Index: TemplateApp.cpp
===================================================================
RCS file: /cvsroot/opal/opal/samples/src/TemplateApp.cpp,v
retrieving revision 1.5
retrieving revision 1.6
diff -C2 -d -r1.5 -r1.6
*** TemplateApp.cpp	4 Apr 2005 13:09:10 -0000	1.5
--- TemplateApp.cpp	6 Apr 2005 04:48:44 -0000	1.6
***************
*** 31,35 ****
  	}
  
! 	~MyApp::MyApp()
  	{
  	}
--- 31,35 ----
  	}
  
! 	MyApp::~MyApp()
  	{
  	}
***************
*** 58,63 ****
  
  		// Setup the initial camera position.

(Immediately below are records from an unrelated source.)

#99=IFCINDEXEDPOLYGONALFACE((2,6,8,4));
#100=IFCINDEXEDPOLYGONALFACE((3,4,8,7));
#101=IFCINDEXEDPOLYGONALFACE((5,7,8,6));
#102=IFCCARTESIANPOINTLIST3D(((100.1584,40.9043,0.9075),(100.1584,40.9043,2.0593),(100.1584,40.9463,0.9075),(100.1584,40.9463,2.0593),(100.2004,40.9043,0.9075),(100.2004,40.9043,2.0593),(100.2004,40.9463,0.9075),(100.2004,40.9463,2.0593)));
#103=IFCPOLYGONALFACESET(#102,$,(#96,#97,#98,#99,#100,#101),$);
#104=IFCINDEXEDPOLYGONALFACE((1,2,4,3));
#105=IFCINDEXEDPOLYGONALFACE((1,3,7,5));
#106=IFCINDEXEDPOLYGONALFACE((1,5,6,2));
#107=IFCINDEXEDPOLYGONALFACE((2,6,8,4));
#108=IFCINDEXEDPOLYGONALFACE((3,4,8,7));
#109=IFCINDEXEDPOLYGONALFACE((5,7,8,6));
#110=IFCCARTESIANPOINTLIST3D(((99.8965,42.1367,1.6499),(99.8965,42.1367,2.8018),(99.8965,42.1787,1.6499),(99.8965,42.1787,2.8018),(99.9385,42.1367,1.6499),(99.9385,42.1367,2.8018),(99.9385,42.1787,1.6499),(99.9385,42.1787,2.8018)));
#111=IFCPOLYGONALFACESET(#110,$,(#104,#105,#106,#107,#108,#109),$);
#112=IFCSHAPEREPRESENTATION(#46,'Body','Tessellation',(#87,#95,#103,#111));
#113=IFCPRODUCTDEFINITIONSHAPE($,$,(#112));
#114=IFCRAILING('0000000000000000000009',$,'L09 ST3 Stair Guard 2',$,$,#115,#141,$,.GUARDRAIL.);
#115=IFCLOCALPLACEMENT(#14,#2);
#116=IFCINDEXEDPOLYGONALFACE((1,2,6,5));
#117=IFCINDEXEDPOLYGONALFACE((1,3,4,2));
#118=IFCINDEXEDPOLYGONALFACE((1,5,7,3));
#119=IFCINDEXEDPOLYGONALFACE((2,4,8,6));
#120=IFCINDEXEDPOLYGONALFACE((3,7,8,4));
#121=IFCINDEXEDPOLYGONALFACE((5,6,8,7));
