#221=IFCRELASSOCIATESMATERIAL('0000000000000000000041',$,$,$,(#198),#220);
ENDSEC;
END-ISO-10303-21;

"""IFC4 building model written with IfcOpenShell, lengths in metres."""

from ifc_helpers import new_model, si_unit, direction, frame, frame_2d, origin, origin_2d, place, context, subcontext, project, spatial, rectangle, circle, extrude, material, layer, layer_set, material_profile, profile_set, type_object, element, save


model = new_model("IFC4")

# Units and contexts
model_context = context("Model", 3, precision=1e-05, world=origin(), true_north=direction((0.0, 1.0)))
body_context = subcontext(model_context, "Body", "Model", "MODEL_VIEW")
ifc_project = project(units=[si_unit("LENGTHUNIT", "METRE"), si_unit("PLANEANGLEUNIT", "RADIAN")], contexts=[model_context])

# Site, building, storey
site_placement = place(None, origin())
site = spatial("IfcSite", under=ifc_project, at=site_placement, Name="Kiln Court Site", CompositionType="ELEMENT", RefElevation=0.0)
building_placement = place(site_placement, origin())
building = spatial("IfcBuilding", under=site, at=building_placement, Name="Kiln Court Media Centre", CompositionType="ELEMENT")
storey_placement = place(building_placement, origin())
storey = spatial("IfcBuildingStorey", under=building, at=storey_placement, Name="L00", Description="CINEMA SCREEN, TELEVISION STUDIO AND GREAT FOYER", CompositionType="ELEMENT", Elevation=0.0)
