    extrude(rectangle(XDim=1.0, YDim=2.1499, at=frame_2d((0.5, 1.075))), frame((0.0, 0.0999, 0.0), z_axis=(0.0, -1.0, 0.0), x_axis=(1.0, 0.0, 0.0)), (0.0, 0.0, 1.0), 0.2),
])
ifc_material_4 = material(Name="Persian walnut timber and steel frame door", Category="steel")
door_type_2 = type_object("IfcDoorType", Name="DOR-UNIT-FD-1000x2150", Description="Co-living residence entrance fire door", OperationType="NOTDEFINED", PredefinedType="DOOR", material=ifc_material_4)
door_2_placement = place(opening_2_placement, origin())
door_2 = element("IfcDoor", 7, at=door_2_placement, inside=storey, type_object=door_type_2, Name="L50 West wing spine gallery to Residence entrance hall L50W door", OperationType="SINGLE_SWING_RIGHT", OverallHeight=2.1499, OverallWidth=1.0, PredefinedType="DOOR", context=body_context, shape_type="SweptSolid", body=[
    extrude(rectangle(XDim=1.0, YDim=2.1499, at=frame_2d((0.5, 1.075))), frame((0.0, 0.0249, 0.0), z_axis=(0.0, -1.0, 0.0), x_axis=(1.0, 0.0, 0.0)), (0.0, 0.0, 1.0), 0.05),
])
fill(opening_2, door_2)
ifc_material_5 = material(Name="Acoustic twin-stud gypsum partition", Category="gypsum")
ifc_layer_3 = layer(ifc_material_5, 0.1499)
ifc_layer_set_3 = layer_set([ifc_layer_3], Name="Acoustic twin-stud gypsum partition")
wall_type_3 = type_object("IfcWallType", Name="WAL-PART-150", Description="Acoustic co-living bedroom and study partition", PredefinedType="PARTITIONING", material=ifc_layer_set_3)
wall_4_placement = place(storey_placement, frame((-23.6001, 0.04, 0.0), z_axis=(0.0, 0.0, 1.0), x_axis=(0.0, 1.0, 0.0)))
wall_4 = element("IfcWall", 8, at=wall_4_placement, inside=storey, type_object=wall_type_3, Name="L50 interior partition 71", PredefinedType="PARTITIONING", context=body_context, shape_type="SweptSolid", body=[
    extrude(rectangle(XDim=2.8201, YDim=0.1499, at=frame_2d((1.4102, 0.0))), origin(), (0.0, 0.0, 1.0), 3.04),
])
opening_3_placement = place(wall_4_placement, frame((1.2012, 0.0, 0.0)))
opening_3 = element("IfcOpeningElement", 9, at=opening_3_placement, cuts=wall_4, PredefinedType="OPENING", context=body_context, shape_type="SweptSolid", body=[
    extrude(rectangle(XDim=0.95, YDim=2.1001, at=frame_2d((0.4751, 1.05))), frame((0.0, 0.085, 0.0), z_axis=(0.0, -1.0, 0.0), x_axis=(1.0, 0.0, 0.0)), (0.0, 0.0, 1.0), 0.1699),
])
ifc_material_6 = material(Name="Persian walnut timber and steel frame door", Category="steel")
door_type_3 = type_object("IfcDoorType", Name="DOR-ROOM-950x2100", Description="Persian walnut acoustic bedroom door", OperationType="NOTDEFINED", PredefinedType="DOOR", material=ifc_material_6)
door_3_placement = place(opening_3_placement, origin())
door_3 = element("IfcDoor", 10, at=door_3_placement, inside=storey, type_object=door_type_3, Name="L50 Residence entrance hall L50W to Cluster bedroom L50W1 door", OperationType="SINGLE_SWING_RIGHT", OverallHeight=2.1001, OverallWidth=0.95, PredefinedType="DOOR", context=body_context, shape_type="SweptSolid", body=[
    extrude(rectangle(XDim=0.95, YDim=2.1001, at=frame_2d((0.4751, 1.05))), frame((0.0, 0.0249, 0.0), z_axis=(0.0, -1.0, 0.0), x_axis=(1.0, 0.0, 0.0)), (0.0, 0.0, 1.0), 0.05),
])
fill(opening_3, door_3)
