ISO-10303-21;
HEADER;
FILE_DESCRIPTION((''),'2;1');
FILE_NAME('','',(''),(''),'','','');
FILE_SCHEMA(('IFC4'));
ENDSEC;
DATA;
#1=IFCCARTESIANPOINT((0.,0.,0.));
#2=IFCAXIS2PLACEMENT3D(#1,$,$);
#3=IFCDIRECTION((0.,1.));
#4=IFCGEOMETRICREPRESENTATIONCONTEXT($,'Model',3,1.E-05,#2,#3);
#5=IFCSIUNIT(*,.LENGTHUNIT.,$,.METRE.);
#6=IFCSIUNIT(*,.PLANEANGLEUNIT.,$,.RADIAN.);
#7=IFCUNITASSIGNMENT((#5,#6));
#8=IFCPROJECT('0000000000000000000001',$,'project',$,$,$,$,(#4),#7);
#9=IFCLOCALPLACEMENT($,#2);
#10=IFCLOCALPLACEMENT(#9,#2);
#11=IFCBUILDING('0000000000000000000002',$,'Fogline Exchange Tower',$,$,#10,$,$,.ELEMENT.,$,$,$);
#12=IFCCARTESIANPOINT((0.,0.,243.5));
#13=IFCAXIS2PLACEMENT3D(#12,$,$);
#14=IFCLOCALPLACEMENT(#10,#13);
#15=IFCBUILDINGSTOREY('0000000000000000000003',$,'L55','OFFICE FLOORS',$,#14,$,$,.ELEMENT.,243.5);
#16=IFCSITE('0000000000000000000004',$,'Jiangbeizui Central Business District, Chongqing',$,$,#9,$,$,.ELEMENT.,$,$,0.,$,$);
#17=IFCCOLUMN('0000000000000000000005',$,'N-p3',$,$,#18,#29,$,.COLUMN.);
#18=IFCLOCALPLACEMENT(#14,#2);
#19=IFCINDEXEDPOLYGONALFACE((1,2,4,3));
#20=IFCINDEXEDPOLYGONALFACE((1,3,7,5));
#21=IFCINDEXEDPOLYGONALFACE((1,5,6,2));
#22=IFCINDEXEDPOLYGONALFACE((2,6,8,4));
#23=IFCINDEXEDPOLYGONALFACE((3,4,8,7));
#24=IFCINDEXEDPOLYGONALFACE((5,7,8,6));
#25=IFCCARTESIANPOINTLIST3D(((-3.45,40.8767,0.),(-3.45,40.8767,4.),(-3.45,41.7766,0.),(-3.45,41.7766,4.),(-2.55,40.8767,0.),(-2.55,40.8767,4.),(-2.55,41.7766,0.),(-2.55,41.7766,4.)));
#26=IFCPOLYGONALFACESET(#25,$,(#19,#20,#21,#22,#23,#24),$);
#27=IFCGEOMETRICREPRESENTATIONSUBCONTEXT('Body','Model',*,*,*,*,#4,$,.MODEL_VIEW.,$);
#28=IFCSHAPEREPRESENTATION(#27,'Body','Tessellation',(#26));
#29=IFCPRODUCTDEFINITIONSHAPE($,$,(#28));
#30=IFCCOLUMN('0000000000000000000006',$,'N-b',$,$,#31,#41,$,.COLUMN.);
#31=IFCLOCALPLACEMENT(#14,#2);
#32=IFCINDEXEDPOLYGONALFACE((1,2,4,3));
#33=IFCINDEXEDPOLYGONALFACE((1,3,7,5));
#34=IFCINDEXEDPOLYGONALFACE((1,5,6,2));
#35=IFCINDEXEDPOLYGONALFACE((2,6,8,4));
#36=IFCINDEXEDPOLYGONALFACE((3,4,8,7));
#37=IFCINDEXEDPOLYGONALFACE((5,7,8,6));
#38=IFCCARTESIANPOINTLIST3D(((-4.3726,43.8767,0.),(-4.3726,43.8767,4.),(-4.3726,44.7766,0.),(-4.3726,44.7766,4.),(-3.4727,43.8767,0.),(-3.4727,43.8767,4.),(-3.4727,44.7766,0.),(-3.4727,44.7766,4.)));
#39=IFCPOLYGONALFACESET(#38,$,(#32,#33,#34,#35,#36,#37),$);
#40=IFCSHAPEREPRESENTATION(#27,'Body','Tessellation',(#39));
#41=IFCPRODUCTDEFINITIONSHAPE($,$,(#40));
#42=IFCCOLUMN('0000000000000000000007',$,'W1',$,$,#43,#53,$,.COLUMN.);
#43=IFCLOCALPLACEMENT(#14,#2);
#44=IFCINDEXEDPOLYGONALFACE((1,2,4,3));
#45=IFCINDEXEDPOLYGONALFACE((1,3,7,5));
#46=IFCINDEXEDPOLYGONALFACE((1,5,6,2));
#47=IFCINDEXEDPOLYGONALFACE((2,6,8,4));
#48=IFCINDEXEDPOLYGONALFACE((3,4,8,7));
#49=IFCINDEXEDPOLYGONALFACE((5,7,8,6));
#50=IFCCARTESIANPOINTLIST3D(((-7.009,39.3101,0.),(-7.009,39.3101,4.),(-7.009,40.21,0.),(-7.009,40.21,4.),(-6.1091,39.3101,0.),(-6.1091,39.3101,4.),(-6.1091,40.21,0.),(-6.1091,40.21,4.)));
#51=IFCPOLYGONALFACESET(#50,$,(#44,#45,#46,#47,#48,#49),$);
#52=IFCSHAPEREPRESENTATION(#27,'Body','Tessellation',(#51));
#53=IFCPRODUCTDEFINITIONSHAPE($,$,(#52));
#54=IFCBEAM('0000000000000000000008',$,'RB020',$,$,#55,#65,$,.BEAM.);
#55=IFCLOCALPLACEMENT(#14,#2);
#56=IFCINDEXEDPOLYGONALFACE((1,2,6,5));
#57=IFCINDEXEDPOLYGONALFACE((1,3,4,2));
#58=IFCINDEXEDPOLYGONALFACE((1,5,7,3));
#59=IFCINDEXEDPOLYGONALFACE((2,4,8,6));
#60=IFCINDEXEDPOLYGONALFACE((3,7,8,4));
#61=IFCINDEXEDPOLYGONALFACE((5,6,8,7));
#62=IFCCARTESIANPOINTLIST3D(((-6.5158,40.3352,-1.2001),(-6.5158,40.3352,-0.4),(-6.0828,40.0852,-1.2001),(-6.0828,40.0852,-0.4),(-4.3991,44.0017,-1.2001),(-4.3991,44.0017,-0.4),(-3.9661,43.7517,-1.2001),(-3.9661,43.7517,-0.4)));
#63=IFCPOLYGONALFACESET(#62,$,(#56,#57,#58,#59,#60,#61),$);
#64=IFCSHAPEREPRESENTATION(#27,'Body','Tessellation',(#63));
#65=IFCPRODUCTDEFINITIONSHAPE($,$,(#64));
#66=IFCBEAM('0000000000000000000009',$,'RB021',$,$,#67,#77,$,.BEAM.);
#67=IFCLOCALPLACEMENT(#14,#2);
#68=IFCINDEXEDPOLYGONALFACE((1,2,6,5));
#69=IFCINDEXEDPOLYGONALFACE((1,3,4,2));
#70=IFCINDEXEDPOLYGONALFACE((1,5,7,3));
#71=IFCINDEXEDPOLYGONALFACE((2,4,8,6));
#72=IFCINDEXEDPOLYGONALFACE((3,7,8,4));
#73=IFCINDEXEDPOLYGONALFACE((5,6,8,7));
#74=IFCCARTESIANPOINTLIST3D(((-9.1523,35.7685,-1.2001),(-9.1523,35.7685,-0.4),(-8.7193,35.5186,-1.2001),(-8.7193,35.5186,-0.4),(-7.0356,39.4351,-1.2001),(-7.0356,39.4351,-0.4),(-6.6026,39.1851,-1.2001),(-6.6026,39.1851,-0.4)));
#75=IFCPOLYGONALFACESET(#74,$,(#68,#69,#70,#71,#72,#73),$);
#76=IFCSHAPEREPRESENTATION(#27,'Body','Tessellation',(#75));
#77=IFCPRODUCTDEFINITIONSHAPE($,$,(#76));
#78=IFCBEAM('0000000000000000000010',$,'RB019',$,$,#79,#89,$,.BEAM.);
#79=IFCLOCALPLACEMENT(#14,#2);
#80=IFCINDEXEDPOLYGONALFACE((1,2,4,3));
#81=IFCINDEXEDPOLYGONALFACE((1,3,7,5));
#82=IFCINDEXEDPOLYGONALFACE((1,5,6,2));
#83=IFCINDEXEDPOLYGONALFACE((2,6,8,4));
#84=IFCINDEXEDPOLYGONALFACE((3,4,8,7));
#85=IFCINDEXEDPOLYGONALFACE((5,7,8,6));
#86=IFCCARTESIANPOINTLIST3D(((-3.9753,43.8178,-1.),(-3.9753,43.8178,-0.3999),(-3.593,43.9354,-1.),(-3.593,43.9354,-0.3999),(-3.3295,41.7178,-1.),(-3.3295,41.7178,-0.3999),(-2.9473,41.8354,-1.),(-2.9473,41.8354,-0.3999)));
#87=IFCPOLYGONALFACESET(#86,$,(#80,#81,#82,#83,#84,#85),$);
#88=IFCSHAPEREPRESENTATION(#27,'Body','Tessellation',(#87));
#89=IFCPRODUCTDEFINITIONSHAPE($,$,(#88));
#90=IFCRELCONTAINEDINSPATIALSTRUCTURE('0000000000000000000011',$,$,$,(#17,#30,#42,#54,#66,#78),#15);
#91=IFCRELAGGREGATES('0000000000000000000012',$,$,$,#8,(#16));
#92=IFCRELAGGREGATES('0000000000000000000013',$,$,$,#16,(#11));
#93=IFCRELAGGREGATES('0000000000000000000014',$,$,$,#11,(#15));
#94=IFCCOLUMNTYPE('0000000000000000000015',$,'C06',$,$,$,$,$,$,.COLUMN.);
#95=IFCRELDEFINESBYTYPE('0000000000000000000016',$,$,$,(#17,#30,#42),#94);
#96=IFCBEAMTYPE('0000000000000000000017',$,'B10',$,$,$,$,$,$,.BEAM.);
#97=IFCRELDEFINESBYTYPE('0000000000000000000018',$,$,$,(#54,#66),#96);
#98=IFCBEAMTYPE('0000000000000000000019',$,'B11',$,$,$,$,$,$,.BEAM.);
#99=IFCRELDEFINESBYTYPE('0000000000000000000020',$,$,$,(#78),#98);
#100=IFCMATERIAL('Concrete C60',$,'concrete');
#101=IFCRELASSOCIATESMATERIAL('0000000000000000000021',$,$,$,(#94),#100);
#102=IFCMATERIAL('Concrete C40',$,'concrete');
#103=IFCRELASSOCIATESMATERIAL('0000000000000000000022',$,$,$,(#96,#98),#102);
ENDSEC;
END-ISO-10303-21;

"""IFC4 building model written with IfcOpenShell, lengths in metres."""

from ifc_helpers import new_model, si_unit, direction, frame, origin, origin_2d, place, context, subcontext, project, spatial, rectangle, extrude, material, material_profile, profile_set, type_object, element, save


model = new_model("IFC4")

# Units and contexts
model_context = context("Model", 3, precision=1e-05, world=origin(), true_north=direction((0.0, 1.0)))
body_context = subcontext(model_context, "Body", "Model", "MODEL_VIEW")
ifc_project = project(units=[si_unit("LENGTHUNIT", "METRE"), si_unit("PLANEANGLEUNIT", "RADIAN")], contexts=[model_context])

# Site, building, storey
site_placement = place(None, origin())
site = spatial("IfcSite", under=ifc_project, at=site_placement, Name="Jiangbeizui Central Business District, Chongqing", CompositionType="ELEMENT", RefElevation=0.0)
building_placement = place(site_placement, origin())
building = spatial("IfcBuilding", under=site, at=building_placement, Name="Fogline Exchange Tower", CompositionType="ELEMENT")
storey_placement = place(building_placement, frame((0.0, 0.0, 243.5)))
storey = spatial("IfcBuildingStorey", under=building, at=storey_placement, Name="L55", Description="OFFICE FLOORS", CompositionType="ELEMENT", Elevation=243.5)

# Columns
ifc_material_1 = material(Name="Concrete C60", Category="concrete")
ifc_material_profile_1 = material_profile(ifc_material_1, rectangle(XDim=0.8999, YDim=0.8999, at=origin_2d()), Name="RC 900x900")
ifc_profile_set_1 = profile_set([ifc_material_profile_1], Name="Concrete C60")
column_type = type_object("IfcColumnType", Name="C06", PredefinedType="COLUMN", material=ifc_profile_set_1)
for number, where, z_axis, x_axis, name in (
    (1, (-3.0, 41.3267, 0.0), (0.0, 0.0, 1.0), (1.0, 0.0, 0.0), "N-p3"),
    (2, (-3.9226, 44.3267, 0.0), (0.0, 0.0, 1.0), (1.0, 0.0, 0.0), "N-b"),
    (3, (-6.5591, 39.76, 0.0), (0.0, 0.0, 1.0), (1.0, 0.0, 0.0), "W1"),
):
    element("IfcColumn", number, at=place(storey_placement, frame(where, z_axis=z_axis, x_axis=x_axis)), inside=storey, type_object=column_type, Name=name, PredefinedType="COLUMN", context=body_context, shape_type="SweptSolid", body=[
        extrude(rectangle(XDim=0.8999, YDim=0.8999, at=origin_2d()), origin(), (0.0, 0.0, 1.0), 4.0),
    ])

# Beams
ifc_material_2 = material(Name="Concrete C40", Category="concrete")
ifc_material_profile_2 = material_profile(ifc_material_2, rectangle(XDim=0.5, YDim=0.8, at=origin_2d()), Name="RC 500x800")
ifc_profile_set_2 = profile_set([ifc_material_profile_2], Name="Concrete C40")
beam_type_1 = type_object("IfcBeamType", Name="B10", PredefinedType="BEAM", material=ifc_profile_set_2)
for number, where, z_axis, x_axis, name in (
    (4, (-4.1826, 43.8767, -0.8), (-0.499972, -0.866042, 0.0), (0.866042, -0.499972, 0.0), "RB020"),
    (5, (-6.8191, 39.3101, -0.8), (-0.499972, -0.866042, 0.0), (0.866042, -0.499972, 0.0), "RB021"),
):
    element("IfcBeam", number, at=place(storey_placement, frame(where, z_axis=z_axis, x_axis=x_axis)), inside=storey, type_object=beam_type_1, Name=name, PredefinedType="BEAM", context=body_context, shape_type="SweptSolid", body=[
        extrude(rectangle(XDim=0.5, YDim=0.8, at=origin_2d()), origin(), (0.0, 0.0, 1.0), 4.2336),
    ])
ifc_material_profile_3 = material_profile(ifc_material_2, rectangle(XDim=0.3999, YDim=0.6001, at=origin_2d()), Name="RC 400x600")
ifc_profile_set_3 = profile_set([ifc_material_profile_3], Name="Concrete C40")
beam_type_2 = type_object("IfcBeamType", Name="B11", PredefinedType="BEAM", material=ifc_profile_set_3)
beam_placement = place(storey_placement, frame((-3.1384, 41.7766, -0.7), z_axis=(-0.293906, 0.955834, 0.0), x_axis=(-0.955834, -0.293906, 0.0)))
element("IfcBeam", 6, at=beam_placement, inside=storey, type_object=beam_type_2, Name="RB019", PredefinedType="BEAM", context=body_context, shape_type="SweptSolid", body=[
    extrude(rectangle(XDim=0.3999, YDim=0.6001, at=origin_2d()), origin(), (0.0, 0.0, 1.0), 2.197),
])

save(model, "model.ifc")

! 		mPhysicalCamera->setPosition(Ogre::Vector3(0, 30, 50));
! 		mPhysicalCamera->lookAt(0, 0, 0);
  
  		// Load models, create physical objects, etc. here.
--- 58,63 ----
  
  		// Setup the initial camera position.
! 		mPhysicalCamera->setPosition(opal::Point3r(0, 30, 50));
! 		mPhysicalCamera->lookAt(opal::Point3r(0, 0, 0));
  
  		// Load models, create physical objects, etc. here.
***************
*** 66,70 ****
  	bool MyApp::appFrameStarted(opal::real dt)
  	{
! 		// Do per-frame application specific things here.
  
  		// Return true to continue looping.
--- 66,70 ----
  	bool MyApp::appFrameStarted(opal::real dt)
  	{
! 		// Do per-frame application-specific things here.
  
  		// Return true to continue looping.

Index: BaseOpalApp.h
===================================================================
RCS file: /cvsroot/opal/opal/samples/src/BaseOpalApp.h,v
retrieving revision 1.6
retrieving revision 1.7
diff -C2 -d -r1.6 -r1.7
*** BaseOpalApp.h	5 Apr 2005 05:18:53 -0000	1.6
--- BaseOpalApp.h	6 Apr 2005 04:48:44 -0000	1.7
***************
*** 22,26 ****
  			mPhysicalCamera = NULL;
  			mPaused = false;
- 			mNamelessObjectCount = 0;
  		}
  
--- 22,25 ----
***************
*** 102,110 ****
  
  		/// Creates and returns a pointer to a PhysicalEntity.  Takes 
! 		/// the name of the new PhysicalEntity, the Ogre Entity, and a 
! 		/// pointer to an OPAL Solid.  The name must be unique; unique 
! 		/// names will be automatically generated for empty name strings.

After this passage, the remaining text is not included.